Fonte: Agência Brasil

Foto: Edson Almeida

11 de junho de 2008

Pronunciamento na solenidade do Dia Mundial do Meio Ambiente

Pronunciamento feito pela Deputada Federal, Rebecca Garcia, do Partido Progressista (PP) do Amazonas, no Plenário do Senado Federal, dia 11 de junho de 2008, durante solenidade em homenagem ao Dia Mundial do Meio Ambiente.

Senhor Presidente,
Senhoras e Senhores Parlamentares,

Um grande cacique norte-americano já havia alertado o mundo para a importância da preservação da natureza. Intimidado pelo governo a ceder mais terras de sua reserva, o chefe Seattle alertou: “O que ocorrer com a Terra recairá sobre os filhos da Terra. Há uma ligação em tudo”. Um chefe indígena, considerado “selvagem” por nós, civilizados, nos ensinou com a sabedoria de quem vive pensando em 10 gerações futuras. A sabedoria de quem vive da natureza e pela natureza. A sabedoria que, paradoxalmente, não entra na alma e nos corações dos povos civilizados. Infelizmente.

Sua lição caiu no esquecimento. Foram precisos muitos e muitos anos para que a conscientização da humanidade começasse a emergir do nada. Graças a dias comemorativos, como o que estamos celebrando, a preocupação com a conservação do planeta vem se acentuando, ganhando força suficiente para que ocorram as transformações necessárias e urgentes. Urgentes, porque a humanidade está há séculos atrasada, quando levamos em consideração que foi só em 1972 que a Declaração sobre o Ambiente Humano foi estabelecida, em Estocolmo.

Senhor Presidente, este foi o ponto de partida para a conscientização da humanidade. A partir daí, vieram outros encontros importantíssimos, como o Rio 92, o de Johanesburgo e o Rio +10. A ação contínua de ambientalistas, somada a iniciativa de lideranças políticas, fez com que parte da sociedade acordasse para a realidade. Mas, foram datas, como a que comemoramos hoje, que provocaram a evolução da conscientização pela preservação dos recursos naturais e, conseqüentemente, pela vida futura no planeta.

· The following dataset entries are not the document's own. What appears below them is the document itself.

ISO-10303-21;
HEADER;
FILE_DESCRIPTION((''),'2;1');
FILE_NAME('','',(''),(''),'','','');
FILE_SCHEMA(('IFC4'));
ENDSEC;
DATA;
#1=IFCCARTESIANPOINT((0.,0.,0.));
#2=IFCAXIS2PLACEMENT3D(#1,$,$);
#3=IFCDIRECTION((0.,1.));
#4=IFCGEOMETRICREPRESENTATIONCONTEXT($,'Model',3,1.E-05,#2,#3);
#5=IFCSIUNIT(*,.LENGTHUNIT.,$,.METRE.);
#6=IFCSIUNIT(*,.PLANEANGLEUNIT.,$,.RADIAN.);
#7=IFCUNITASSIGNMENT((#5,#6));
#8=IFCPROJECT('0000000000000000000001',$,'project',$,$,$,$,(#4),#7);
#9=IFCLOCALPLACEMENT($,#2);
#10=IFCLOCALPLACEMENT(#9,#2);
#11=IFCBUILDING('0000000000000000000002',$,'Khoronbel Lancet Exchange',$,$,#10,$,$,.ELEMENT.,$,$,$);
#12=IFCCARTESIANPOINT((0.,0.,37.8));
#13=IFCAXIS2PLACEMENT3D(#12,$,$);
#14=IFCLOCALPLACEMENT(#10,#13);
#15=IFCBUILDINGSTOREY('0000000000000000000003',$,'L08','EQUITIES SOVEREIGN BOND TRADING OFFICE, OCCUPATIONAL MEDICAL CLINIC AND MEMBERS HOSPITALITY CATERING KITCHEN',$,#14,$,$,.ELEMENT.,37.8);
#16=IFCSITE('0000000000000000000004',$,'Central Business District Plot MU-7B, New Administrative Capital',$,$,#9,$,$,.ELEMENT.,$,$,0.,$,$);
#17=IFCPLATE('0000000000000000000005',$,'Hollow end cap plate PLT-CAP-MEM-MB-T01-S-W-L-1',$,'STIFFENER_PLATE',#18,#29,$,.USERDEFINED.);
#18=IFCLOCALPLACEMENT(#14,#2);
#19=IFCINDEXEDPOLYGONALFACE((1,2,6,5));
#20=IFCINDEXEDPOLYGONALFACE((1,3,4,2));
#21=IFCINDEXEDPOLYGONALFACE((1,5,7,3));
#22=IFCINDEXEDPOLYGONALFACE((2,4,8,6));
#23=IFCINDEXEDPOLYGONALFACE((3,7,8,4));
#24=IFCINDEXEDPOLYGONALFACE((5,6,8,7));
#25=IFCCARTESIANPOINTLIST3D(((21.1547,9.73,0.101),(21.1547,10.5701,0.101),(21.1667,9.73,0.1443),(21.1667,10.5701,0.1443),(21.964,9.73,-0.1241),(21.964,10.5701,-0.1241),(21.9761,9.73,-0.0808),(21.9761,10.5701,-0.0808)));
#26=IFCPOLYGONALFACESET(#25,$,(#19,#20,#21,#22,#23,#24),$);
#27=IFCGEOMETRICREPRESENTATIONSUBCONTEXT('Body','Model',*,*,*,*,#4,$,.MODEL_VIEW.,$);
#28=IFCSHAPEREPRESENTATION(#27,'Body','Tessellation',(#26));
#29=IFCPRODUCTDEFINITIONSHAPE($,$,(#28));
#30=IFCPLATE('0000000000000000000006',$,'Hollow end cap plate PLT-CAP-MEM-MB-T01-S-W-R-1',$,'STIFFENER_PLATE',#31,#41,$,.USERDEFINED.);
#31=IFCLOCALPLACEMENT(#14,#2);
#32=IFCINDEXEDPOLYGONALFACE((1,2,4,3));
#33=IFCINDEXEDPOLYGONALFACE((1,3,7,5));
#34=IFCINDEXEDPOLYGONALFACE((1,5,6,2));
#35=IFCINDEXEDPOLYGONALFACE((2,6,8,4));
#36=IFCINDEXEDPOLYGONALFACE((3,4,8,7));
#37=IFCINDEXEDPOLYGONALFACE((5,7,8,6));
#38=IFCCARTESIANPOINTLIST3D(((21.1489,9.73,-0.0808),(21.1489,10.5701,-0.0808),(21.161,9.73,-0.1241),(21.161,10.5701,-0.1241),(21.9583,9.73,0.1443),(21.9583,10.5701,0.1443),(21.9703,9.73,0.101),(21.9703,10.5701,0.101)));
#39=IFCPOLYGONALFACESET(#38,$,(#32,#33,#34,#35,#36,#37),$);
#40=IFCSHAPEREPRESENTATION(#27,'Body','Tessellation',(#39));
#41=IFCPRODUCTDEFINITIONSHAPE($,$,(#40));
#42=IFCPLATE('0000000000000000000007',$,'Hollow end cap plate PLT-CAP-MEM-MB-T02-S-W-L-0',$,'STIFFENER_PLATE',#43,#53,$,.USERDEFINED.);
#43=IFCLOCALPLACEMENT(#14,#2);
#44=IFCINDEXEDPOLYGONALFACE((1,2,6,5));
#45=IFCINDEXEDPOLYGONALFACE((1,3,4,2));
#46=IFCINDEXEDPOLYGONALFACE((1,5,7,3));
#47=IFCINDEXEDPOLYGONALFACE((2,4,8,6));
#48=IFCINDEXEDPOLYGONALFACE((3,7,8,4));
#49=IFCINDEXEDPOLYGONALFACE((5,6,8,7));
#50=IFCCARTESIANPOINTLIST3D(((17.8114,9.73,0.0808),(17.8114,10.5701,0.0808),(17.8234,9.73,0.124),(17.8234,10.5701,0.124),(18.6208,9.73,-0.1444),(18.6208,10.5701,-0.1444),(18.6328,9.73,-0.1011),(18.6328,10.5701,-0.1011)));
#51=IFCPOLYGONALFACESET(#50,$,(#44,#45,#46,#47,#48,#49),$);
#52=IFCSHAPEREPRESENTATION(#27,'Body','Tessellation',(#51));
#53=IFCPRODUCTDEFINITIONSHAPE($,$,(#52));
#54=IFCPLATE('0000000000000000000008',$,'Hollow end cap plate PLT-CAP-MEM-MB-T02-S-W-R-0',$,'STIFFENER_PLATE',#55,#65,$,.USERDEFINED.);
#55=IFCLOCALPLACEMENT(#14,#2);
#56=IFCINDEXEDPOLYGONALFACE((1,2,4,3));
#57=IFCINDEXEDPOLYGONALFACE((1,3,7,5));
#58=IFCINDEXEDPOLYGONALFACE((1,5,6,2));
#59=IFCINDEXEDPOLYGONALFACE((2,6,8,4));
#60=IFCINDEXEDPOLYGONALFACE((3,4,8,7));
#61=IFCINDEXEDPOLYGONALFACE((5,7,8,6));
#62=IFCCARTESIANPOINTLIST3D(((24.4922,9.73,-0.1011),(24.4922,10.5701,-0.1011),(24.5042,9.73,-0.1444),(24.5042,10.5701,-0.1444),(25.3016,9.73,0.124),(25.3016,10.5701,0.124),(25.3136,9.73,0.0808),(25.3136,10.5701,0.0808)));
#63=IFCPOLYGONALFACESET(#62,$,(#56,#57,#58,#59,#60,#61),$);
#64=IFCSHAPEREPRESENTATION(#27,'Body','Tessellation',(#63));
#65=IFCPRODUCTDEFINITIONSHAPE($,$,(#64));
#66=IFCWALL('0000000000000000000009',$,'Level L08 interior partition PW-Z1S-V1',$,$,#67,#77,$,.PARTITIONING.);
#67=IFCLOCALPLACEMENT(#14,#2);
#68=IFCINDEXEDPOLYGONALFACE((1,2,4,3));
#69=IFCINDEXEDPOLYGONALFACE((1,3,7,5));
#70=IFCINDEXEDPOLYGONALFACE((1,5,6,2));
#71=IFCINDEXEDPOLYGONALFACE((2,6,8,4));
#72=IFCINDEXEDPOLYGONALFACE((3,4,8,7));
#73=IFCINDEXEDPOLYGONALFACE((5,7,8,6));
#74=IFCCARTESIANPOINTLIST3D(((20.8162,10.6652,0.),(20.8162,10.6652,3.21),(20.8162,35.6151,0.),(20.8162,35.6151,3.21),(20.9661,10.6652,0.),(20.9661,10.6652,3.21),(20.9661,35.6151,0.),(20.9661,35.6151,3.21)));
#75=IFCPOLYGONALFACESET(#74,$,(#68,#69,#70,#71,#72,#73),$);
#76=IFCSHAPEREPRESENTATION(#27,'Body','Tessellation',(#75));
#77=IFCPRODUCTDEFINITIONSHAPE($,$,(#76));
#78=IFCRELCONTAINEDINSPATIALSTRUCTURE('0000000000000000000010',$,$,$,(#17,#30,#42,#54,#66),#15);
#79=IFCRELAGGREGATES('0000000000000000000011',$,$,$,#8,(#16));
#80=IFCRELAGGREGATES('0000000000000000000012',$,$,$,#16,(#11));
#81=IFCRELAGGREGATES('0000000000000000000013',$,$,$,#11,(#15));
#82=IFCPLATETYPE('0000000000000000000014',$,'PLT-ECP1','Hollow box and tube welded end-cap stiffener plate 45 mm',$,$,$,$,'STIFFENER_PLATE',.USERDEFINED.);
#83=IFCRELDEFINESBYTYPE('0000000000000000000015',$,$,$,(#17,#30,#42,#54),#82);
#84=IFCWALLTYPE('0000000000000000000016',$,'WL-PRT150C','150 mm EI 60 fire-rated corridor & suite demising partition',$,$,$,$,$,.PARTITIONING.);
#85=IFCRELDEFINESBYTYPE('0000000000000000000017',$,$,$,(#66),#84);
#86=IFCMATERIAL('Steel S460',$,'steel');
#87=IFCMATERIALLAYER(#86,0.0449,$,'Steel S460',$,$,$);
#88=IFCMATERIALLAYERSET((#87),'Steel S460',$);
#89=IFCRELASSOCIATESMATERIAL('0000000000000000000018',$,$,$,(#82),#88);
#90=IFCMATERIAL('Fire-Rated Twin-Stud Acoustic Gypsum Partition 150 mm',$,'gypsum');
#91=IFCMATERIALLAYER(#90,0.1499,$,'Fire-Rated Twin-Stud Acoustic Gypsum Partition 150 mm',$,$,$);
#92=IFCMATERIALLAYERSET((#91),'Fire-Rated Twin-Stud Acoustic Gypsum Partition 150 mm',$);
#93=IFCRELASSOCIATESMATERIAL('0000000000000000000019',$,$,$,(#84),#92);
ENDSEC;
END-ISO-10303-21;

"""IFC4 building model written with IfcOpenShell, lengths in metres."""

from ifc_helpers import new_model, si_unit, direction, frame, frame_2d, origin, place, context, subcontext, project, spatial, polyline, rectangle, outline, extrude, material, layer, layer_set, type_object, element, save


model = new_model("IFC4")

# Units and contexts
model_context = context("Model", 3, precision=1e-05, world=origin(), true_north=direction((0.0, 1.0)))
body_context = subcontext(model_context, "Body", "Model", "MODEL_VIEW")
ifc_project = project(units=[si_unit("LENGTHUNIT", "METRE"), si_unit("PLANEANGLEUNIT", "RADIAN")], contexts=[model_context])

# Site, building, storey
site_placement = place(None, origin())
site = spatial("IfcSite", under=ifc_project, at=site_placement, Name="Central Business District Plot MU-7B, New Administrative Capital", CompositionType="ELEMENT", RefElevation=0.0)
building_placement = place(site_placement, origin())
building = spatial("IfcBuilding", under=site, at=building_placement, Name="Khoronbel Lancet Exchange", CompositionType="ELEMENT")
storey_placement = place(building_placement, frame((0.0, 0.0, 37.8)))
storey = spatial("IfcBuildingStorey", under=building, at=storey_placement, Name="L08", Description="EQUITIES SOVEREIGN BOND TRADING OFFICE, OCCUPATIONAL MEDICAL CLINIC AND MEMBERS HOSPITALITY CATERING KITCHEN", CompositionType="ELEMENT", Elevation=37.8)

# Shared definitions
ifc_material_1 = material(Name="Steel S460", Category="steel")

# Plates
ifc_layer_1 = layer(ifc_material_1, 0.0449, Name="Steel S460")
ifc_layer_set_1 = layer_set([ifc_layer_1], Name="Steel S460")
plate_type_1 = type_object("IfcPlateType", Name="PLT-ECP1", Description="Hollow box and tube welded end-cap stiffener plate 45 mm", ElementType="STIFFENER_PLATE", PredefinedType="USERDEFINED", material=ifc_layer_set_1)
for number, where, z_axis, x_axis, name in (
    (1, (21.9761, 9.73, -0.0808), (0.267959, 0.0, 0.96343), (0.0, 1.0, 0.0), "Hollow end cap plate PLT-CAP-MEM-MB-T01-S-W-L-1"),
    (2, (21.1489, 10.5701, -0.0808), (-0.267959, 0.0, 0.96343), (0.0, -1.0, 0.0), "Hollow end cap plate PLT-CAP-MEM-MB-T01-S-W-R-1"),
    (3, (18.6328, 9.73, -0.1011), (0.267959, 0.0, 0.96343), (0.0, 1.0, 0.0), "Hollow end cap plate PLT-CAP-MEM-MB-T02-S-W-L-0"),
    (4, (24.4922, 10.5701, -0.1011), (-0.267959, 0.0, 0.96343), (0.0, -1.0, 0.0), "Hollow end cap plate PLT-CAP-MEM-MB-T02-S-W-R-0"),
):
    element("IfcPlate", number, at=place(storey_placement, frame(where, z_axis=z_axis, x_axis=x_axis)), inside=storey, type_object=plate_type_1, Name=name, ObjectType="STIFFENER_PLATE", PredefinedType="USERDEFINED", context=body_context, shape_type="SweptSolid", body=[
        extrude(outline(polyline([(0.0, 0.0), (0.8401, 0.0), (0.8401, 0.8401), (0.0, 0.8401), (0.0, 0.0)])), origin(), (0.0, 0.0, -1.0), 0.0449),
    ])

# Wall
ifc_material_2 = material(Name="Fire-Rated Twin-Stud Acoustic Gypsum Partition 150 mm", Category="gypsum")
ifc_layer_2 = layer(ifc_material_2, 0.1499, Name="Fire-Rated Twin-Stud Acoustic Gypsum Partition 150 mm")
ifc_layer_set_2 = layer_set([ifc_layer_2], Name="Fire-Rated Twin-Stud Acoustic Gypsum Partition 150 mm")
wall_type = type_object("IfcWallType", Name="WL-PRT150C", Description="150 mm EI 60 fire-rated corridor & suite demising partition", PredefinedType="PARTITIONING", material=ifc_layer_set_2)
wall_placement = place(storey_placement, frame((20.8911, 10.665, 0.0), z_axis=(0.0, 0.0, 1.0), x_axis=(0.0, 1.0, 0.0)))
element("IfcWall", 5, at=wall_placement, inside=storey, type_object=wall_type, Name="Level L08 interior partition PW-Z1S-V1", PredefinedType="PARTITIONING", context=body_context, shape_type="SweptSolid", body=[
    extrude(rectangle(XDim=24.95, YDim=0.1499, at=frame_2d((12.4751, 0.0))), origin(), (0.0, 0.0, 1.0), 3.21),
])

save(model, "model.ifc")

A sociedade evolui, sim. É um fato fácil de ser constatado. Mas, não evolui de forma ideal. Ainda há muito que fazer neste sentido e precisamos continuar falando em preservação da natureza, para impedir que o nível de consciência popular retroceda. A evolução é gradual e constante. Lamentável é que ela ocorra em confronto com a lentidão dos governos e com a pressa com que as atividades econômicas se lançam sobre a natureza. Hoje, eu até diria, a sociedade está como nós, assistindo, estarrecida, o crescimento da devastação, enquanto os governos não agem, enquanto os detratores da natureza aceleram seus passos e suas ações.

Existem no Brasil, Senhoras e Senhores, inúmeros projetos ambientais parados em gavetas de Ministérios. As discussões são, literalmente, intermináveis. Quando alguém apresenta um projeto para ser executado, logo ele é abortado. Volta para a mesa de discussões e o País fica órfão de uma legislação eficiente, que proteja o meio ambiente e permita o desenvolvimento sustentável.

Os planos não são executados porque sempre são apresentados sob a ótica de apenas um dos vários segmentos interessados na questão. O pior é que todos querem ganhar. Ninguém fala em ceder, em doar parte de seus interesses, para que o planeta seja o grande vitorioso. Aliás, para que a humanidade – inclusive as partes litigantes – seja a grande vitoriosa. O fato, no entanto, é os infratores são muito mais ágeis que os governantes.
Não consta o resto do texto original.